Em uma resposta por e-mail a perguntas, James disse que o show de drags era um exemplo de “exploração e, na melhor das hipóteses, abuso emocional infantil”, acrescentando que a própria escola era “uma indicação de que a guerra cultural entre o bom senso e a loucura chegou à tona. Alaba.”
Os alunos da escola falaram sobre a campanha de James com uma mistura de desafio – muitos reviraram os olhos – e medo. “Fico com medo de vir para a escola”, disse Temperance, aluna da sétima série.
Em meio a tempestades políticas turbulentas, a Magic City Acceptance Academy também enfrenta o desafio mais prosaico de preparar os alunos academicamente, já que o primeiro ano da escola chega ao fim este mês. Ela planeja adicionar cursos de mandarim no próximo ano acadêmico para complementar o espanhol e o francês deste ano, e mais tarde também poderá oferecer aulas de Colocação Avançada. De acordo com o Dr. Wilson, espera-se que o corpo discente cresça para cerca de 350 no próximo outono.

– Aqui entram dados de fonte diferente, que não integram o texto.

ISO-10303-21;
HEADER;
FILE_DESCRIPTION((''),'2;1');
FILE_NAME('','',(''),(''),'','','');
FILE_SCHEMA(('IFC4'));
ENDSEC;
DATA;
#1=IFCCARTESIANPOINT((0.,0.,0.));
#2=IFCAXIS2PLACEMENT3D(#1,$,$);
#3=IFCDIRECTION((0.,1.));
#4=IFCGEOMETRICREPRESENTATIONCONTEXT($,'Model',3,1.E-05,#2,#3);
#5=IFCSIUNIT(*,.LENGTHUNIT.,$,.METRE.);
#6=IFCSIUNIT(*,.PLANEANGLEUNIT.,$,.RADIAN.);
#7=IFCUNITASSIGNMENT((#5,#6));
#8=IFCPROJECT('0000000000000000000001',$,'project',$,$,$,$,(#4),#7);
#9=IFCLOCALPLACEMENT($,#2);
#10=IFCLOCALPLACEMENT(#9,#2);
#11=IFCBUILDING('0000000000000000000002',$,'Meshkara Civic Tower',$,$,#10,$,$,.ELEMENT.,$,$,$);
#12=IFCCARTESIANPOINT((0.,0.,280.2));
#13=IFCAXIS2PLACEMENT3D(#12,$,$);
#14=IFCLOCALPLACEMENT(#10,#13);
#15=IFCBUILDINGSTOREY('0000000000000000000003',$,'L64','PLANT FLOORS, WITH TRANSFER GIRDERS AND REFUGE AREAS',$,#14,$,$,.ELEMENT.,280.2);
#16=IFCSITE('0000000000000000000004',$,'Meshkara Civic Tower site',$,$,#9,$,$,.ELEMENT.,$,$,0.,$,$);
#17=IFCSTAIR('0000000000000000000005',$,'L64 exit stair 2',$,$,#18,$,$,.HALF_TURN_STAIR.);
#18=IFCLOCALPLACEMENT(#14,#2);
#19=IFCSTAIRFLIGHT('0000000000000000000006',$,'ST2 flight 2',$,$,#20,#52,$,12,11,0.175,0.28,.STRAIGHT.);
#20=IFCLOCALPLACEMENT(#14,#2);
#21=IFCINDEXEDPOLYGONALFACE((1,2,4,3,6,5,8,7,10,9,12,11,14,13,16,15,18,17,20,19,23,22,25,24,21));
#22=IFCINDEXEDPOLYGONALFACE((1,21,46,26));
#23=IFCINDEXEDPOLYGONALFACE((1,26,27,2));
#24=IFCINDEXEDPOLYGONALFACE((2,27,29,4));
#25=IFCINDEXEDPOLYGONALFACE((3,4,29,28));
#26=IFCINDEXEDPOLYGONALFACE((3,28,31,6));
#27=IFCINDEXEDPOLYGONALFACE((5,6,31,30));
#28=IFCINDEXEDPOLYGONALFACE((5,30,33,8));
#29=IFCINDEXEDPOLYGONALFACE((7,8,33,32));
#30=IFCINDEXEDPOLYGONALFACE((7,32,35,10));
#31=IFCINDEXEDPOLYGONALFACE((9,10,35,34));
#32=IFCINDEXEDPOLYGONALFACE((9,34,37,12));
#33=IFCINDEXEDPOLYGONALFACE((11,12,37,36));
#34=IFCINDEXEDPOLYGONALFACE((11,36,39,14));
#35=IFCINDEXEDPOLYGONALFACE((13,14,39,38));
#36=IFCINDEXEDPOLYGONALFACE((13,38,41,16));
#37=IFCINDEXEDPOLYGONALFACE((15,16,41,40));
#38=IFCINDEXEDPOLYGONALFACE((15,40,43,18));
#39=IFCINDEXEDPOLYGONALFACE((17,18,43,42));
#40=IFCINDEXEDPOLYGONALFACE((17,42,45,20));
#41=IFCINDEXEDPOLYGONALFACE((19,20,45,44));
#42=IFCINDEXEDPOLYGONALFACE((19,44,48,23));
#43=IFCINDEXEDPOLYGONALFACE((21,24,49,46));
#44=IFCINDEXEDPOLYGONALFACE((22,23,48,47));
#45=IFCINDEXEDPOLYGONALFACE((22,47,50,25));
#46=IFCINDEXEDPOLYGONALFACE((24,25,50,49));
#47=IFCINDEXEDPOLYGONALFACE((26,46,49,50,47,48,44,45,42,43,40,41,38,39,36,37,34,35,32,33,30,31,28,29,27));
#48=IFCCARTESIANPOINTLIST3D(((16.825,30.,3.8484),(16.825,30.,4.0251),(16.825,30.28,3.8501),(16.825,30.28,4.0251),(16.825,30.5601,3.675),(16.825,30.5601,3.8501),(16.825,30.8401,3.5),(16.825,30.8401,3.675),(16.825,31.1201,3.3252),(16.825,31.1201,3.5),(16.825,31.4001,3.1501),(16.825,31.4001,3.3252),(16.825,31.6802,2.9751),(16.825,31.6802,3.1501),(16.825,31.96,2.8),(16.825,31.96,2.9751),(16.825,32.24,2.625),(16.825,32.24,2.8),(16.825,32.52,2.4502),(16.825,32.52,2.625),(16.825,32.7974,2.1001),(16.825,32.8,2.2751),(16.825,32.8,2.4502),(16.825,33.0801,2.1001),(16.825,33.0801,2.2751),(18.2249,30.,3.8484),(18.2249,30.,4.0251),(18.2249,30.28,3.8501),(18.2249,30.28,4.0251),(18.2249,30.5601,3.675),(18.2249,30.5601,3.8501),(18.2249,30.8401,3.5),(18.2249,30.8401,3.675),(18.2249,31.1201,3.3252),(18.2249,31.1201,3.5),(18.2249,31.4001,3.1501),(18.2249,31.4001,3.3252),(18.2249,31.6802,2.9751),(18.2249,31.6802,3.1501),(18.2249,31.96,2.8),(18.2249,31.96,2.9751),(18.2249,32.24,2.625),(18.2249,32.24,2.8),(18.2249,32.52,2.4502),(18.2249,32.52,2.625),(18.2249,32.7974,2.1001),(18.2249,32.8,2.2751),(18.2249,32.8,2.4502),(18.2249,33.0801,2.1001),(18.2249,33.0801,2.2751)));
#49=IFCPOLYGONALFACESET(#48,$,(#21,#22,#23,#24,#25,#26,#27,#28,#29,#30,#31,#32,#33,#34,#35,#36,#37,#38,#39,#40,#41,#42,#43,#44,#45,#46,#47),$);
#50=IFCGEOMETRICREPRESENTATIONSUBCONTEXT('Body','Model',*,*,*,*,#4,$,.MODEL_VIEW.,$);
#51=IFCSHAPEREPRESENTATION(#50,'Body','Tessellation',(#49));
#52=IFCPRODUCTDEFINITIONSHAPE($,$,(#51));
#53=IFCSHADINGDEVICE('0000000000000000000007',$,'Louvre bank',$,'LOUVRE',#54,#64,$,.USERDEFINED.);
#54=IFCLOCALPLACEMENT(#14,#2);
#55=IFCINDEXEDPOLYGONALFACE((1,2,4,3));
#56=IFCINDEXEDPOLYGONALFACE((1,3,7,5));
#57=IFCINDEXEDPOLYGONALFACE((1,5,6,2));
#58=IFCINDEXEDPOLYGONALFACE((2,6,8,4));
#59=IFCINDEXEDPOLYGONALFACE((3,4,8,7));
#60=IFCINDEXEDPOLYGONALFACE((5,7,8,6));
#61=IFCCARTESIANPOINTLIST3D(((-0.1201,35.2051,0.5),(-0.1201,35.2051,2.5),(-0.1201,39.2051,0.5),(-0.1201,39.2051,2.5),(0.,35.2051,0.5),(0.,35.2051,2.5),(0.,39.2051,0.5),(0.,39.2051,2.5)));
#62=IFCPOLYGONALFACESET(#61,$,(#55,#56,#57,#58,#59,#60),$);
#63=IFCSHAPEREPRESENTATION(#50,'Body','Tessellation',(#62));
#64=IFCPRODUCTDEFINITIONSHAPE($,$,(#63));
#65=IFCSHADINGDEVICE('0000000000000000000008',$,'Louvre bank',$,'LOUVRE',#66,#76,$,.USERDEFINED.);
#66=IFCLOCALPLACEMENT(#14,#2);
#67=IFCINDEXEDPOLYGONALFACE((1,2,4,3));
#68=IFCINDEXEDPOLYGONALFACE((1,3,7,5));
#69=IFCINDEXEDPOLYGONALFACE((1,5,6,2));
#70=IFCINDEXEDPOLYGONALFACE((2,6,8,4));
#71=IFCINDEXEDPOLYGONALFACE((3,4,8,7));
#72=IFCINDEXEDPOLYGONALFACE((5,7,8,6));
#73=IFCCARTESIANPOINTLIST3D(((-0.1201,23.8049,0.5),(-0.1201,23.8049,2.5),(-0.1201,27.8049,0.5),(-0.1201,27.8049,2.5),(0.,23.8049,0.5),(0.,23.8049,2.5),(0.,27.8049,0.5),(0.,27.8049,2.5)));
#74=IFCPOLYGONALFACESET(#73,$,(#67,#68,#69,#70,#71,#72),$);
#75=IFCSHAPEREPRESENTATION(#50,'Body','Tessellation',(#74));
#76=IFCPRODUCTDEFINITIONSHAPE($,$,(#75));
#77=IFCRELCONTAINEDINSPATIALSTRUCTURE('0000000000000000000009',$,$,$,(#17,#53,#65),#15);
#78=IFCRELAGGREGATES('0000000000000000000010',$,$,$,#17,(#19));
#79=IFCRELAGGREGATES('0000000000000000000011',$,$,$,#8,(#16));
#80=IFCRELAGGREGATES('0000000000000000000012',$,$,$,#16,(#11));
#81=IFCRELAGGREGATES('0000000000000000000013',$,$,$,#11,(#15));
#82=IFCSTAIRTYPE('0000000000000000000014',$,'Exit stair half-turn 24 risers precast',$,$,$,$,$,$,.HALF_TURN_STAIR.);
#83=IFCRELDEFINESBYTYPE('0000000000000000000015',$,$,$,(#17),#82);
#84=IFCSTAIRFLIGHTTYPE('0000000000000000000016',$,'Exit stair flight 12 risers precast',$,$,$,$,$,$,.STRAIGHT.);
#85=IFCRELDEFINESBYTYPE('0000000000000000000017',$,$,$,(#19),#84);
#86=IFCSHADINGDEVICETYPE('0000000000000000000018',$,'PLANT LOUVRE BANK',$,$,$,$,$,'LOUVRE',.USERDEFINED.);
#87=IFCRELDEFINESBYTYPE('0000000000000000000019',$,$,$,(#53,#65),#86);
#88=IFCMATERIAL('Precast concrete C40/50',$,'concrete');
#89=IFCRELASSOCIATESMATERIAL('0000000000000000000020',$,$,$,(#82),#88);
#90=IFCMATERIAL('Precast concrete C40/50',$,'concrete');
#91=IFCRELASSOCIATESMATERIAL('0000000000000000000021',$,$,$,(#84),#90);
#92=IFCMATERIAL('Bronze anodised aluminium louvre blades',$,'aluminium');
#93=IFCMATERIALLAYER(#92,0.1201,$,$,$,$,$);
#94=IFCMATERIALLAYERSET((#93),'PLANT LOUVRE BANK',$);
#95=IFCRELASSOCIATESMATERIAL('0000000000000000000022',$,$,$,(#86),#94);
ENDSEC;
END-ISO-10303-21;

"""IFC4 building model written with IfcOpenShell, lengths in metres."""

from ifc_helpers import new_model, si_unit, direction, frame, origin, origin_2d, place, context, subcontext, project, spatial, polyline, rectangle, outline, extrude, material, layer, layer_set, type_object, element, aggregate, save


model = new_model("IFC4")

# Units and contexts
model_context = context("Model", 3, precision=1e-05, world=origin(), true_north=direction((0.0, 1.0)))
body_context = subcontext(model_context, "Body", "Model", "MODEL_VIEW")
ifc_project = project(units=[si_unit("LENGTHUNIT", "METRE"), si_unit("PLANEANGLEUNIT", "RADIAN")], contexts=[model_context])

# Site, building, storey
site_placement = place(None, origin())
site = spatial("IfcSite", under=ifc_project, at=site_placement, Name="Meshkara Civic Tower site", CompositionType="ELEMENT", RefElevation=0.0)
building_placement = place(site_placement, origin())
building = spatial("IfcBuilding", under=site, at=building_placement, Name="Meshkara Civic Tower", CompositionType="ELEMENT")
storey_placement = place(building_placement, frame((0.0, 0.0, 280.2)))
storey = spatial("IfcBuildingStorey", under=building, at=storey_placement, Name="L64", Description="PLANT FLOORS, WITH TRANSFER GIRDERS AND REFUGE AREAS", CompositionType="ELEMENT", Elevation=280.2)

# Stair, stair flight
ifc_material_1 = material(Name="Precast concrete C40/50", Category="concrete")
stair_type = type_object("IfcStairType", Name="Exit stair half-turn 24 risers precast", PredefinedType="HALF_TURN_STAIR", material=ifc_material_1)
ifc_material_2 = material(Name="Precast concrete C40/50", Category="concrete")
stair_flight_type = type_object("IfcStairFlightType", Name="Exit stair flight 12 risers precast", PredefinedType="STRAIGHT", material=ifc_material_2)
stair_1_placement = place(storey_placement, origin())
stair_1 = element("IfcStair", 1, at=stair_1_placement, inside=storey, type_object=stair_type, Name="L64 exit stair 2", PredefinedType="HALF_TURN_STAIR")
stair_flight_1_placement = place(storey_placement, frame((17.5249, 33.0801, 2.1001), z_axis=(0.0, 0.0, 1.0), x_axis=(0.0, -1.0, 0.0)))
stair_flight_1 = element("IfcStairFlight", 2, at=stair_flight_1_placement, type_object=stair_flight_type, Name="ST2 flight 2", NumberOfRisers=12, NumberOfTreads=11, PredefinedType="STRAIGHT", RiserHeight=0.175, TreadLength=0.28, context=body_context, shape_type="SweptSolid", body=[
    extrude(outline(polyline([(0.0, 0.0), (0.0, 0.175), (0.28, 0.175), (0.28, 0.3501), (0.5601, 0.3501), (0.5601, 0.5249), (0.8401, 0.5249), (0.8401, 0.7), (1.1201, 0.7), (1.1201, 0.875), (1.3999, 0.875), (1.3999, 1.05), (1.6799, 1.05), (1.6799, 1.2251), (1.96, 1.2251), (1.96, 1.3999), (2.24, 1.3999), (2.24, 1.575), (2.52, 1.575), (2.52, 1.75), (2.8, 1.75), (2.8, 1.925), (3.0801, 1.925), (3.0801, 2.1001), (3.0801, 1.7483), (0.2827, 0.0), (0.0, 0.0)])), frame((0.0, 0.7, 0.0), z_axis=(0.0, -1.0, 0.0), x_axis=(1.0, 0.0, 0.0)), (0.0, 0.0, 1.0), 1.3999),
])
aggregate(stair_1, [stair_flight_1])

# Shading devices
ifc_material_3 = material(Name="Bronze anodised aluminium louvre blades", Category="aluminium")
ifc_layer_1 = layer(ifc_material_3, 0.1201)
ifc_layer_set_1 = layer_set([ifc_layer_1], Name="PLANT LOUVRE BANK")
shading_device_type = type_object("IfcShadingDeviceType", Name="PLANT LOUVRE BANK", ElementType="LOUVRE", PredefinedType="USERDEFINED", material=ifc_layer_set_1)
for number, where, z_axis, x_axis, name in (
    (3, (-0.0601, 37.2051, 0.5), (0.0, 0.0, 1.0), (0.0, -1.0, 0.0), "Louvre bank"),
    (4, (-0.0601, 25.8049, 0.5), (0.0, 0.0, 1.0), (0.0, -1.0, 0.0), "Louvre bank"),
):
    element("IfcShadingDevice", number, at=place(storey_placement, frame(where, z_axis=z_axis, x_axis=x_axis)), inside=storey, type_object=shading_device_type, Name=name, ObjectType="LOUVRE", PredefinedType="USERDEFINED", context=body_context, shape_type="SweptSolid", body=[
        extrude(rectangle(XDim=4.0, YDim=0.1201, at=origin_2d()), origin(), (0.0, 0.0, 1.0), 2.0),
    ])

save(model, "model.ifc")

Isso incluirá Rory, que está mantendo suas notas altas e pensando na faculdade. Ele quer estudar agricultura para talvez se tornar um apicultor – mesmo que seguir em frente signifique deixar o primeiro ambiente escolar onde ele já se sentiu seguro sendo ele mesmo.
“É uma comunidade muito forte”, disse ele. “Mesmo que possa ser assustador, ainda estou otimista de que as coisas vão ficar bem.”